I had a rather unsettling thought recently, and I'd like to run it by
the ARMCHAIR group and see if any of you can tell me if this is (a)
correct and well-known, even if I somehow missed it (citations
please!), (b) completely wrongheaded (reasons please!), or (c) correct
and actually new. Keep in mind as you read this that I'm a very
free-market-oriented economist. Don't think, when you get to the
fourth paragraph, that I'm advocating socialism. I'm not. Here goes:
It's a basic teaching of economics that in a free-trade environment,
resources will be used for their highest-values use. (The version of
this that says "In the absence of transaction costs..." is known as
the Coase Theorem.) In other words, if a particular piece of property
produces more income (net of other inputs) as a farm than as a
shopping center, it will be used as a farm rather than a shopping
center regardless of who owns it initially, since a farmer will be
willing to pay more for it than a shopping-center developer. This
always holds, unless there is either some enforceable law preventing
the highest-valued use, or if transaction costs of transfering it from
it's current (or next-highest-valued) use to its highest-valued use
exceed the incremental value of that use.

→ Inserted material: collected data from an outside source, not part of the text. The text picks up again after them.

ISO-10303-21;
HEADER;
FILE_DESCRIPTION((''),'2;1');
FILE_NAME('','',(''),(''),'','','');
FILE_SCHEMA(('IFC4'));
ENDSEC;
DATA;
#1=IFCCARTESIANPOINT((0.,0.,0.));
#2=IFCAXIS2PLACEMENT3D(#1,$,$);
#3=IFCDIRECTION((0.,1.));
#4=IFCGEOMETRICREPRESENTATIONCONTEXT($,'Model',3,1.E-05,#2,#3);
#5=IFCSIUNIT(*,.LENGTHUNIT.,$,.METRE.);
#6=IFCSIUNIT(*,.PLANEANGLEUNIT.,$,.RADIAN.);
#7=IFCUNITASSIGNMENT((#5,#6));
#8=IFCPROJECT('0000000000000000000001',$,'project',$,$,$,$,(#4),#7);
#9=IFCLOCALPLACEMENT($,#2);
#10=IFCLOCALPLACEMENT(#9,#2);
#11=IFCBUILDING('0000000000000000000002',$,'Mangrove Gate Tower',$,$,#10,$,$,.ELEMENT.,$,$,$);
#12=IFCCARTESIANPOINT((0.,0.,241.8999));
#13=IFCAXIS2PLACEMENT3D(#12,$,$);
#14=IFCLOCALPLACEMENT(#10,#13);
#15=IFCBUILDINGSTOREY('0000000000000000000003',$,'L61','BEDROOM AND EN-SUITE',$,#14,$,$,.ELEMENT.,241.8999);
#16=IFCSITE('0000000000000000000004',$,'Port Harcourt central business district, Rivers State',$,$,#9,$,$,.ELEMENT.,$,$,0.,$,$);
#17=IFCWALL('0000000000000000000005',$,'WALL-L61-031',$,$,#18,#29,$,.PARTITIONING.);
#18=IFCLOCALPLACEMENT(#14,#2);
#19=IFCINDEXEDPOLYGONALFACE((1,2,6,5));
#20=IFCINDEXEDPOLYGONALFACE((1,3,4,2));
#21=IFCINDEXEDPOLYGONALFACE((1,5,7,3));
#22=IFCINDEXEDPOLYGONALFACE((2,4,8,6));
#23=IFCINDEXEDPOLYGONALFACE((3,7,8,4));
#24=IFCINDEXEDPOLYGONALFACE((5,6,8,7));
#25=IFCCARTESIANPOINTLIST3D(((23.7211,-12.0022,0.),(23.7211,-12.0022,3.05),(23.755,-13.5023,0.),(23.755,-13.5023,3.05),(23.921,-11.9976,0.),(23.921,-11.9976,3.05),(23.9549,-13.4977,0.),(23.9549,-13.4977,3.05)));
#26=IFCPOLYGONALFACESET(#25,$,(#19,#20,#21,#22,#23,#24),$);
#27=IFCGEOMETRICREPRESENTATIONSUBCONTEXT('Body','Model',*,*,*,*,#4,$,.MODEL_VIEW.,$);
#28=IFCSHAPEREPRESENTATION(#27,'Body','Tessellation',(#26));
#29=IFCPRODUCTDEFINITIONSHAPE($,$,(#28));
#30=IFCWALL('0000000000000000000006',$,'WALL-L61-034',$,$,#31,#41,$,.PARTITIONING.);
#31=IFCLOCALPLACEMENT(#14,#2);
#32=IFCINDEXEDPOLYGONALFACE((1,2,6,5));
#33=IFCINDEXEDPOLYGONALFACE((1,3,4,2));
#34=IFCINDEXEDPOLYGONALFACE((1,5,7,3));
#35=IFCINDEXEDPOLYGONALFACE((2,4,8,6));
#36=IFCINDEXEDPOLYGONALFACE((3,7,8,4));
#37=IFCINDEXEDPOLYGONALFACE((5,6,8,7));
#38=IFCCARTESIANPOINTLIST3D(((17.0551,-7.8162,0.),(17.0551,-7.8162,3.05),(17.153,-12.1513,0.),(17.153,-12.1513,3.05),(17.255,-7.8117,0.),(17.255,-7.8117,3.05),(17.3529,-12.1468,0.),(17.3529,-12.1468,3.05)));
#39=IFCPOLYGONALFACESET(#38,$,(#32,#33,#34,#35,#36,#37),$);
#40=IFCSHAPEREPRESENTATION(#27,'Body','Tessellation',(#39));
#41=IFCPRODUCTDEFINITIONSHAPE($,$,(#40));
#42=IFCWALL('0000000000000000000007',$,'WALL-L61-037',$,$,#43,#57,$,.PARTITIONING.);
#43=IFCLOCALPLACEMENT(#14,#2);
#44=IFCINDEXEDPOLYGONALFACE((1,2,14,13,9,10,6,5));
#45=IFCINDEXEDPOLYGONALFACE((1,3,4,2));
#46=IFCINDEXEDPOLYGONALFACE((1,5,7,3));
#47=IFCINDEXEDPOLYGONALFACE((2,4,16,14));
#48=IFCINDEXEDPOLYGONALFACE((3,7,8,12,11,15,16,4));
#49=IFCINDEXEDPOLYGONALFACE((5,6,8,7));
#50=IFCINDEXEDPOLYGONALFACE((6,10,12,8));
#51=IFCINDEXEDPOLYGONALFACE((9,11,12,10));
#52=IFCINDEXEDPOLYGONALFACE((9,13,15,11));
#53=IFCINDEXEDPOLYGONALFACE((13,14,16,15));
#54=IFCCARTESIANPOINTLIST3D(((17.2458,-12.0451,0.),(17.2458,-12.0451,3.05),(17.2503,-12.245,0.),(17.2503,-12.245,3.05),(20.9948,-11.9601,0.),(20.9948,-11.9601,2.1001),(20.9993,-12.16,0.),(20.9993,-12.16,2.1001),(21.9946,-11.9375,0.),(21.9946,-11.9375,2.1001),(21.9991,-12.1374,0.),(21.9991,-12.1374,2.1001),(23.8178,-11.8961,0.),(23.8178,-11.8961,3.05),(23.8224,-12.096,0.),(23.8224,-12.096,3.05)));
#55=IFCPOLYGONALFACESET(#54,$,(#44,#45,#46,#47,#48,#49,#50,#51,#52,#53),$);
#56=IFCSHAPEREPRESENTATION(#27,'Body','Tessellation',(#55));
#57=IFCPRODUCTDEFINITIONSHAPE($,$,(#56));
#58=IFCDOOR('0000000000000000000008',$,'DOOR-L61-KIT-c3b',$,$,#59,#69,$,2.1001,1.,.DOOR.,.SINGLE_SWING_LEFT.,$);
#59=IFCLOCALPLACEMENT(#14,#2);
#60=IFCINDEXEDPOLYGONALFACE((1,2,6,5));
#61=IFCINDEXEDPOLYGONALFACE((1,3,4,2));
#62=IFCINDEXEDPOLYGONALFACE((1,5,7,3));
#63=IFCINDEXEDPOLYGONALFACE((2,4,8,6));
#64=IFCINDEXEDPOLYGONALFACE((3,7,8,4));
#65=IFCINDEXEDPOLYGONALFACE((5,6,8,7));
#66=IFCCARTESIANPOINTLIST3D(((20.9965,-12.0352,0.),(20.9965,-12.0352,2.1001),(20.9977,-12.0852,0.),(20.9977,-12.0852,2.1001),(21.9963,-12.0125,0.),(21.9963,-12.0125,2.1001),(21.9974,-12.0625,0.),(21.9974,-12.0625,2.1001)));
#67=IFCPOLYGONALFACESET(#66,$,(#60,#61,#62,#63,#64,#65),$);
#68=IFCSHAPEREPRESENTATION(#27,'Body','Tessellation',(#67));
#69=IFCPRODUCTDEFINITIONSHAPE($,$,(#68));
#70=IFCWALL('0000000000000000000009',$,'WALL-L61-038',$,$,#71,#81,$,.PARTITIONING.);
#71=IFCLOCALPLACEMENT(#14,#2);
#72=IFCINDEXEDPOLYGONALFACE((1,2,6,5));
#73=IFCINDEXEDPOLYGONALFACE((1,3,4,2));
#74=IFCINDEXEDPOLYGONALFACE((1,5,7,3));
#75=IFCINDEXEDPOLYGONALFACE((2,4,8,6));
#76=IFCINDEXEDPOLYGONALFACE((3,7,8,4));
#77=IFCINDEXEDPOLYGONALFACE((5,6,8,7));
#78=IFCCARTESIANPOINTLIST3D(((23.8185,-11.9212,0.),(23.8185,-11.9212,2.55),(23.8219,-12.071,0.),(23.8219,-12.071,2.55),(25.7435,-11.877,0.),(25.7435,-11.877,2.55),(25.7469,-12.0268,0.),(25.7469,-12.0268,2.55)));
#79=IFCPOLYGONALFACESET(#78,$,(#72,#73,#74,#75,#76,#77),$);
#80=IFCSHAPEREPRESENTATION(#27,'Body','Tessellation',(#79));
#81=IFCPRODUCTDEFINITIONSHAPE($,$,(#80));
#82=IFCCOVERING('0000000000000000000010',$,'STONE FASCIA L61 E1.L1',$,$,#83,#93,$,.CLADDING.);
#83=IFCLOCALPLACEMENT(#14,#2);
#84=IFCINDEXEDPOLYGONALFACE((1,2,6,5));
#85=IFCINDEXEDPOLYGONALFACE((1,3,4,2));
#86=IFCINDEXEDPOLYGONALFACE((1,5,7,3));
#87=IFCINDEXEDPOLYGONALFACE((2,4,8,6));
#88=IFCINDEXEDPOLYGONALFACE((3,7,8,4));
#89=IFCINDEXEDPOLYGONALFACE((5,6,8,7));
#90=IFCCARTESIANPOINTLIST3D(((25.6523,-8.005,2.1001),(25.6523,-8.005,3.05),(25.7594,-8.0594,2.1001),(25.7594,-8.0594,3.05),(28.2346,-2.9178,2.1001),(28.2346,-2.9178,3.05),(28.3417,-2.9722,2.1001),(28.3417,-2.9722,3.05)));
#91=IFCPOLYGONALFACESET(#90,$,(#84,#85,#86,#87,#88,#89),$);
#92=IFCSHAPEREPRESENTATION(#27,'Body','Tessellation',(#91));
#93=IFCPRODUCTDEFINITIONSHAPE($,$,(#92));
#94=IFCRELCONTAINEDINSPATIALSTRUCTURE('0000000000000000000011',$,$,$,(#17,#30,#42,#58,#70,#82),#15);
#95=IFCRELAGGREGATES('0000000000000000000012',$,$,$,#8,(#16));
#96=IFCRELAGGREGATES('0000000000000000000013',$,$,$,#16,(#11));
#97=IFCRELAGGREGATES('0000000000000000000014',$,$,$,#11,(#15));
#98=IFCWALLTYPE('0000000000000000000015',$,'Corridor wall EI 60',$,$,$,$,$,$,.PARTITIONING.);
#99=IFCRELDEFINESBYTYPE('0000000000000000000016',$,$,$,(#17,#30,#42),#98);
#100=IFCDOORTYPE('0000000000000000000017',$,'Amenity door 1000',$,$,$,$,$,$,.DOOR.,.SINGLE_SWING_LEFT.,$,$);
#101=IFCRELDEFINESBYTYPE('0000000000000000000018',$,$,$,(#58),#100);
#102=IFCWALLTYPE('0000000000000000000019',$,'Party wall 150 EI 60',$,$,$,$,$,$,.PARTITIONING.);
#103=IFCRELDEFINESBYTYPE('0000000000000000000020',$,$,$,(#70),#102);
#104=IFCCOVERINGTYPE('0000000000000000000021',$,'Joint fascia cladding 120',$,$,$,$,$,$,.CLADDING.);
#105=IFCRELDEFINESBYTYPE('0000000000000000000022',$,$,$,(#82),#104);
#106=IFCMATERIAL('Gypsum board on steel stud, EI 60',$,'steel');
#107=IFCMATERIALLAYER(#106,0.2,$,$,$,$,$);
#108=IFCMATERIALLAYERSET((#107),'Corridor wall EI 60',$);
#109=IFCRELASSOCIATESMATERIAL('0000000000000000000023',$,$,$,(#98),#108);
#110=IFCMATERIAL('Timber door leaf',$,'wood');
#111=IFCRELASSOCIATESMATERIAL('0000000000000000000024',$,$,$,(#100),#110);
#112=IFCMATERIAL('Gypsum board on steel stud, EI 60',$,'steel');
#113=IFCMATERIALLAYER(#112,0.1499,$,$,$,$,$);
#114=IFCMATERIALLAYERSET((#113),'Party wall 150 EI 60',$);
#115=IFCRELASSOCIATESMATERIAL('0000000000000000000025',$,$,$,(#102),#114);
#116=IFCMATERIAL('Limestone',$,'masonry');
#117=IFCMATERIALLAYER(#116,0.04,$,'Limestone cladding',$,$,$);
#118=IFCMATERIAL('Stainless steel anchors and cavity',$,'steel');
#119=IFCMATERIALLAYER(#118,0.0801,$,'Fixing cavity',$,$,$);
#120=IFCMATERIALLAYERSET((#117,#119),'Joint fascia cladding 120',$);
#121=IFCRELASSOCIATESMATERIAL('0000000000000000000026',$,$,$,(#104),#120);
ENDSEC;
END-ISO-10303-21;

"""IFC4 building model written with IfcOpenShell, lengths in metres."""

from ifc_helpers import new_model, si_unit, direction, frame, frame_2d, origin, place, context, subcontext, project, spatial, rectangle, extrude, material, layer, layer_set, type_object, element, fill, save


model = new_model("IFC4")

# Units and contexts
model_context = context("Model", 3, precision=1e-05, world=origin(), true_north=direction((0.0, 1.0)))
body_context = subcontext(model_context, "Body", "Model", "MODEL_VIEW")
ifc_project = project(units=[si_unit("LENGTHUNIT", "METRE"), si_unit("PLANEANGLEUNIT", "RADIAN")], contexts=[model_context])

# Site, building, storey
site_placement = place(None, origin())
site = spatial("IfcSite", under=ifc_project, at=site_placement, Name="Port Harcourt central business district, Rivers State", CompositionType="ELEMENT", RefElevation=0.0)
building_placement = place(site_placement, origin())
building = spatial("IfcBuilding", under=site, at=building_placement, Name="Mangrove Gate Tower", CompositionType="ELEMENT")
storey_placement = place(building_placement, frame((0.0, 0.0, 241.8999)))
storey = spatial("IfcBuildingStorey", under=building, at=storey_placement, Name="L61", Description="BEDROOM AND EN-SUITE", CompositionType="ELEMENT", Elevation=241.8999)

# Walls
ifc_material_1 = material(Name="Gypsum board on steel stud, EI 60", Category="steel")
ifc_layer_1 = layer(ifc_material_1, 0.2)
ifc_layer_set_1 = layer_set([ifc_layer_1], Name="Corridor wall EI 60")
wall_type_1 = type_object("IfcWallType", Name="Corridor wall EI 60", PredefinedType="PARTITIONING", material=ifc_layer_set_1)
wall_1_placement = place(storey_placement, frame((23.855, -13.5, 0.0), z_axis=(0.0, 0.0, 1.0), x_axis=(-0.022618, 0.999744, 0.0)))
element("IfcWall", 1, at=wall_1_placement, inside=storey, type_object=wall_type_1, Name="WALL-L61-031", PredefinedType="PARTITIONING", context=body_context, shape_type="SweptSolid", body=[
    extrude(rectangle(XDim=1.5005, YDim=0.2, at=frame_2d((0.7502, 0.0))), origin(), (0.0, 0.0, 1.0), 3.05),
])
wall_2_placement = place(storey_placement, frame((17.2529, -12.1489, 0.0), z_axis=(0.0, 0.0, 1.0), x_axis=(-0.022578, 0.999745, 0.0)))
element("IfcWall", 2, at=wall_2_placement, inside=storey, type_object=wall_type_1, Name="WALL-L61-034", PredefinedType="PARTITIONING", context=body_context, shape_type="SweptSolid", body=[
    extrude(rectangle(XDim=4.3362, YDim=0.2, at=frame_2d((2.168, 0.0))), origin(), (0.0, 0.0, 1.0), 3.05),
])

# Wall, opening, door
wall_3_placement = place(storey_placement, frame((17.248, -12.145, 0.0), z_axis=(0.0, 0.0, 1.0), x_axis=(0.999743, 0.022655, 0.0)))
wall_3 = element("IfcWall", 3, at=wall_3_placement, inside=storey, type_object=wall_type_1, Name="WALL-L61-037", PredefinedType="PARTITIONING", context=body_context, shape_type="SweptSolid", body=[
    extrude(rectangle(XDim=6.5737, YDim=0.2, at=frame_2d((3.2869, 0.0))), origin(), (0.0, 0.0, 1.0), 3.05),
])
opening_1_placement = place(wall_3_placement, frame((3.75, 0.0, 0.0)))
opening_1 = element("IfcOpeningElement", 4, at=opening_1_placement, cuts=wall_3, PredefinedType="OPENING", context=body_context, shape_type="SweptSolid", body=[
    extrude(rectangle(XDim=1.0, YDim=2.1001, at=frame_2d((0.5, 1.05))), frame((0.0, 0.1099, 0.0), z_axis=(0.0, -1.0, 0.0), x_axis=(1.0, 0.0, 0.0)), (0.0, 0.0, 1.0), 0.22),
])
ifc_material_2 = material(Name="Timber door leaf", Category="wood")
door_type_1 = type_object("IfcDoorType", Name="Amenity door 1000", OperationType="SINGLE_SWING_LEFT", PredefinedType="DOOR", material=ifc_material_2)
door_1_placement = place(opening_1_placement, origin())
door_1 = element("IfcDoor", 5, at=door_1_placement, inside=storey, type_object=door_type_1, Name="DOOR-L61-KIT-c3b", OperationType="SINGLE_SWING_LEFT", OverallHeight=2.1001, OverallWidth=1.0, PredefinedType="DOOR", context=body_context, shape_type="SweptSolid", body=[
    extrude(rectangle(XDim=1.0, YDim=2.1001, at=frame_2d((0.5, 1.05))), frame((0.0, 0.0249, 0.0), z_axis=(0.0, -1.0, 0.0), x_axis=(1.0, 0.0, 0.0)), (0.0, 0.0, 1.0), 0.05),
])
fill(opening_1, door_1)
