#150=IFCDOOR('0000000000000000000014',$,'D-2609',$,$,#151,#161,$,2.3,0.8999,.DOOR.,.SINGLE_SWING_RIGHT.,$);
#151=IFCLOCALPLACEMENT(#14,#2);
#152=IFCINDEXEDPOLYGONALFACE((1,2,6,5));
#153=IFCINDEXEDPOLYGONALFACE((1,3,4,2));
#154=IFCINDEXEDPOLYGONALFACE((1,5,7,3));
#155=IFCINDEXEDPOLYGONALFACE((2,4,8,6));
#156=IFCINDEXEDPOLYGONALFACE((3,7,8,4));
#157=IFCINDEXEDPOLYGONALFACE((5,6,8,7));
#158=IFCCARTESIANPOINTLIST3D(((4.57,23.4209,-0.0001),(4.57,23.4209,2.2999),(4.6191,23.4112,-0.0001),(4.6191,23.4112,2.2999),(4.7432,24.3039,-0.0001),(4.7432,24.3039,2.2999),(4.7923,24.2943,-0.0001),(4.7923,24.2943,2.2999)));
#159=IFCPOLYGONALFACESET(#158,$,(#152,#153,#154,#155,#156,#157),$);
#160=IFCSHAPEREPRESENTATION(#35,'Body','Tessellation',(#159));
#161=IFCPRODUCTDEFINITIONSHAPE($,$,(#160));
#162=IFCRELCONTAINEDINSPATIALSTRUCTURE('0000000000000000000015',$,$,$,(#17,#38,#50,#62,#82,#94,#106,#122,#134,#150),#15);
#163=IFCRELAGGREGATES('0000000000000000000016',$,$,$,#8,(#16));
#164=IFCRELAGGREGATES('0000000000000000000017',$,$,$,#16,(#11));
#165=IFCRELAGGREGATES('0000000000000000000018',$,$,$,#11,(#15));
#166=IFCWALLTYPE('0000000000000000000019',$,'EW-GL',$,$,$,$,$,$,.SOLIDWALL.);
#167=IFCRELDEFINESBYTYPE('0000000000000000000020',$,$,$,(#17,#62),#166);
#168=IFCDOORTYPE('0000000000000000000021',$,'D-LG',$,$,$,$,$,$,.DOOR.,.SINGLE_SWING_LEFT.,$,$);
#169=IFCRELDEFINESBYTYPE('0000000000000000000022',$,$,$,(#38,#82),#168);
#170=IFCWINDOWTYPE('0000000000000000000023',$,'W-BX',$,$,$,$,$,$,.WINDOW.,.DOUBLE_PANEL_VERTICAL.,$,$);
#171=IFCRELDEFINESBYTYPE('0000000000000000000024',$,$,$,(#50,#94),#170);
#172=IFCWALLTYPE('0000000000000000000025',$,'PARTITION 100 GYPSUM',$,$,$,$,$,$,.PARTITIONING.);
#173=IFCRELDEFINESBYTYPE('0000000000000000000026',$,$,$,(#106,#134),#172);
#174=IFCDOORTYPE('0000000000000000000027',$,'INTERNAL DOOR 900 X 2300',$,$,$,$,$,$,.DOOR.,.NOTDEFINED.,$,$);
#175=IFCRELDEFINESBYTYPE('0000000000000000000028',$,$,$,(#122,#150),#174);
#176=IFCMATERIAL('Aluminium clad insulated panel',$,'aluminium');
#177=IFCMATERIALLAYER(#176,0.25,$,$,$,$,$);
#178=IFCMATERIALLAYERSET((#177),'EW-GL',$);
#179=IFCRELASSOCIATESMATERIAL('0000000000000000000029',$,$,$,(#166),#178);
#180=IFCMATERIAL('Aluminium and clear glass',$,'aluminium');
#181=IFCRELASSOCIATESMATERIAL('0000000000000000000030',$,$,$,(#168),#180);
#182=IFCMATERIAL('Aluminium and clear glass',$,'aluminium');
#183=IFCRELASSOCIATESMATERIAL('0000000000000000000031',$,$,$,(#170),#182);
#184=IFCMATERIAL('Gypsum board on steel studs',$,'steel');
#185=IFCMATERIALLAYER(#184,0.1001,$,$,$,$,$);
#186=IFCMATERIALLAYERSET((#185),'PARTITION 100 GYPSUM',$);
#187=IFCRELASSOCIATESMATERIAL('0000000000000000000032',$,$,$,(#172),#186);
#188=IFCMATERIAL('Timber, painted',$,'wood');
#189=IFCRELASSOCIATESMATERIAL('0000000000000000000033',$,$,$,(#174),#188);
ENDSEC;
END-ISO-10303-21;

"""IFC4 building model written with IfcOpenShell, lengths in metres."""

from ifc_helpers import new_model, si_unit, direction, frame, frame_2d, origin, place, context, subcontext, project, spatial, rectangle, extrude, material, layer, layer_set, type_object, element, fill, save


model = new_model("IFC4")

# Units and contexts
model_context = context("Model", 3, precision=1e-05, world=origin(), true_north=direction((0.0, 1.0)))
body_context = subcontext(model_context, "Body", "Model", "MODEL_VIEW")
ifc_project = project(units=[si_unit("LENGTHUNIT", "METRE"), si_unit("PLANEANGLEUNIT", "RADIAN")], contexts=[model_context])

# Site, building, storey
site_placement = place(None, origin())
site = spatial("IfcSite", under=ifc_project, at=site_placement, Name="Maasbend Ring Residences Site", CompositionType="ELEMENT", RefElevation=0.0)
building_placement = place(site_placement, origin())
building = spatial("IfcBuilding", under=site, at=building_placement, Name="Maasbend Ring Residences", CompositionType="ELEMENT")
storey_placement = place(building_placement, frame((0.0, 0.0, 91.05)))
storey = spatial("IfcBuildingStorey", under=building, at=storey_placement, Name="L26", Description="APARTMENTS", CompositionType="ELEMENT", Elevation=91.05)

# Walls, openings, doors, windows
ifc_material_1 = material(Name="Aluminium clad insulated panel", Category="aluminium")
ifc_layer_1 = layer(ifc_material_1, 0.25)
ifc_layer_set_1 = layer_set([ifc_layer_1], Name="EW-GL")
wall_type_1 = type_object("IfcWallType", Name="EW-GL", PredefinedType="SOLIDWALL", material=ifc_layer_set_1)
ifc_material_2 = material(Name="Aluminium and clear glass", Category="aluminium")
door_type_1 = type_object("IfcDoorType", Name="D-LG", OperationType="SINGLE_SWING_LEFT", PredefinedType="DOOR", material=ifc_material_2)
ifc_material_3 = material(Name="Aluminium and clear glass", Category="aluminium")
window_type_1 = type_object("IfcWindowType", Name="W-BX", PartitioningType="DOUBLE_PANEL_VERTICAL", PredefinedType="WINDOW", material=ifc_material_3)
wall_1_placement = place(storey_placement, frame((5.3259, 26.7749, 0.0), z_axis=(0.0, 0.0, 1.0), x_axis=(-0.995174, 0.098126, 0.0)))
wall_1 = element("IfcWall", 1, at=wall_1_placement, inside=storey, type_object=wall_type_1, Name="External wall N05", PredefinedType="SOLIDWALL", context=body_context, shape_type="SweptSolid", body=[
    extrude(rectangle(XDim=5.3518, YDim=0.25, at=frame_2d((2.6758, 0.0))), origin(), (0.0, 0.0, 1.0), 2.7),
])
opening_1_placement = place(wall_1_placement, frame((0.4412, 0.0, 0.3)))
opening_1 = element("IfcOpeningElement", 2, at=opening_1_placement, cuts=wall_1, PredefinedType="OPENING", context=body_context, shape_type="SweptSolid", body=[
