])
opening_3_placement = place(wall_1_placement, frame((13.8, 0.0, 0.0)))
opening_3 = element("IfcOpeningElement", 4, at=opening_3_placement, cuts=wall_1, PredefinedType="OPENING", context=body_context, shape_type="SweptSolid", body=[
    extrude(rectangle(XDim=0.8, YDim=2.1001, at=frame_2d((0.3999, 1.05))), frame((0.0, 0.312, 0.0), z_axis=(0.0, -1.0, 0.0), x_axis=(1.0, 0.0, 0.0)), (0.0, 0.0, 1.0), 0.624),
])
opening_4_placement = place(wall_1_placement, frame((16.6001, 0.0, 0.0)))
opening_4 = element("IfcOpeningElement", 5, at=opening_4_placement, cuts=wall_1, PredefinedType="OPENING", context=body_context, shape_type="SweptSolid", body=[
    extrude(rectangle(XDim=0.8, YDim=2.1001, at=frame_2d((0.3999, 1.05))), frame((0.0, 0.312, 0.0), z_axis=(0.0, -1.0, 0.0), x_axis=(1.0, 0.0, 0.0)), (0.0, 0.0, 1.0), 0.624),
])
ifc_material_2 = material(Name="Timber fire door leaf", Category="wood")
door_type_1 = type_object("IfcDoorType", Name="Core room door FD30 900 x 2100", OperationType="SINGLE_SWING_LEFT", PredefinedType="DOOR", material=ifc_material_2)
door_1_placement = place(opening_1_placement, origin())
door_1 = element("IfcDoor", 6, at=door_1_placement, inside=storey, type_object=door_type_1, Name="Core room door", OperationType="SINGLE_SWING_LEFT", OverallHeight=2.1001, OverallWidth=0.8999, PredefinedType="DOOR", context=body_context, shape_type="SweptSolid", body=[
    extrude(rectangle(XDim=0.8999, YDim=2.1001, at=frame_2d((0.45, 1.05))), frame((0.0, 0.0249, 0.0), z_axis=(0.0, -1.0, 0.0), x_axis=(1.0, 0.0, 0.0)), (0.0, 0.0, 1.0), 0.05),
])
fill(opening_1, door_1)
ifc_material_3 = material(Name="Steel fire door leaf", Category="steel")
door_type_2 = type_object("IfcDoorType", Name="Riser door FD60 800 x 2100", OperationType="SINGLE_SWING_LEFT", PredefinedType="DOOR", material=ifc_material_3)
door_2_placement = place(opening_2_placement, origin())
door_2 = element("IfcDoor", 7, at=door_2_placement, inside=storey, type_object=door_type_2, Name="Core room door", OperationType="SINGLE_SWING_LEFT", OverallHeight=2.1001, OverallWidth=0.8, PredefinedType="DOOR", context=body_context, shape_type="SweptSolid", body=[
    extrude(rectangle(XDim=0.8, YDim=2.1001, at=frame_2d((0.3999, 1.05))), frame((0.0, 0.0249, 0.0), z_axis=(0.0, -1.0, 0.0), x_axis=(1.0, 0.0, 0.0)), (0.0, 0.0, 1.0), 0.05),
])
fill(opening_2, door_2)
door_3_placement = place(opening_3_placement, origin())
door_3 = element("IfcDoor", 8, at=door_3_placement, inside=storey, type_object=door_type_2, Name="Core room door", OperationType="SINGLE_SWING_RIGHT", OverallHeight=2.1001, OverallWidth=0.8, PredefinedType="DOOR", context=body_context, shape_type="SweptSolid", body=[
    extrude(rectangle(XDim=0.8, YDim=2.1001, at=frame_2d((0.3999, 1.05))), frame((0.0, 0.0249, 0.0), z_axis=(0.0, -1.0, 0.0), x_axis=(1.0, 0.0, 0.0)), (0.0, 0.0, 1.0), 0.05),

My thought is: This is all fine when the resource concerned is used to
make money, but what if it's used for direct consumption? For
example, suppose there is a large four-bedroom house on a nice lot for
sale in a nice neighborhood. A two-income couple with no kids may
well be able to outbid outbid a one-income family with five kids
(raised by the parent who would otherwise be able to earn another
income), who may in turn be stuck in a three-bedroom cramped townhouse
because of their lower household income. But, is that really a
higher-valued use?
Normally, we assume that the "value" of something is what somebody is
ready, able, and willing to pay for it. The fact that the childless
couple offers to pay more "proves" that the large house is worth more
to society in their hands than in the hands of the large family. But
if the two households were forced to trade houses -- putting the
childless couple in the smaller house and the large family in the
bigger house -- would total utility increase? If total utility is a
monotonic function of per-capita square footage -- which "sounds"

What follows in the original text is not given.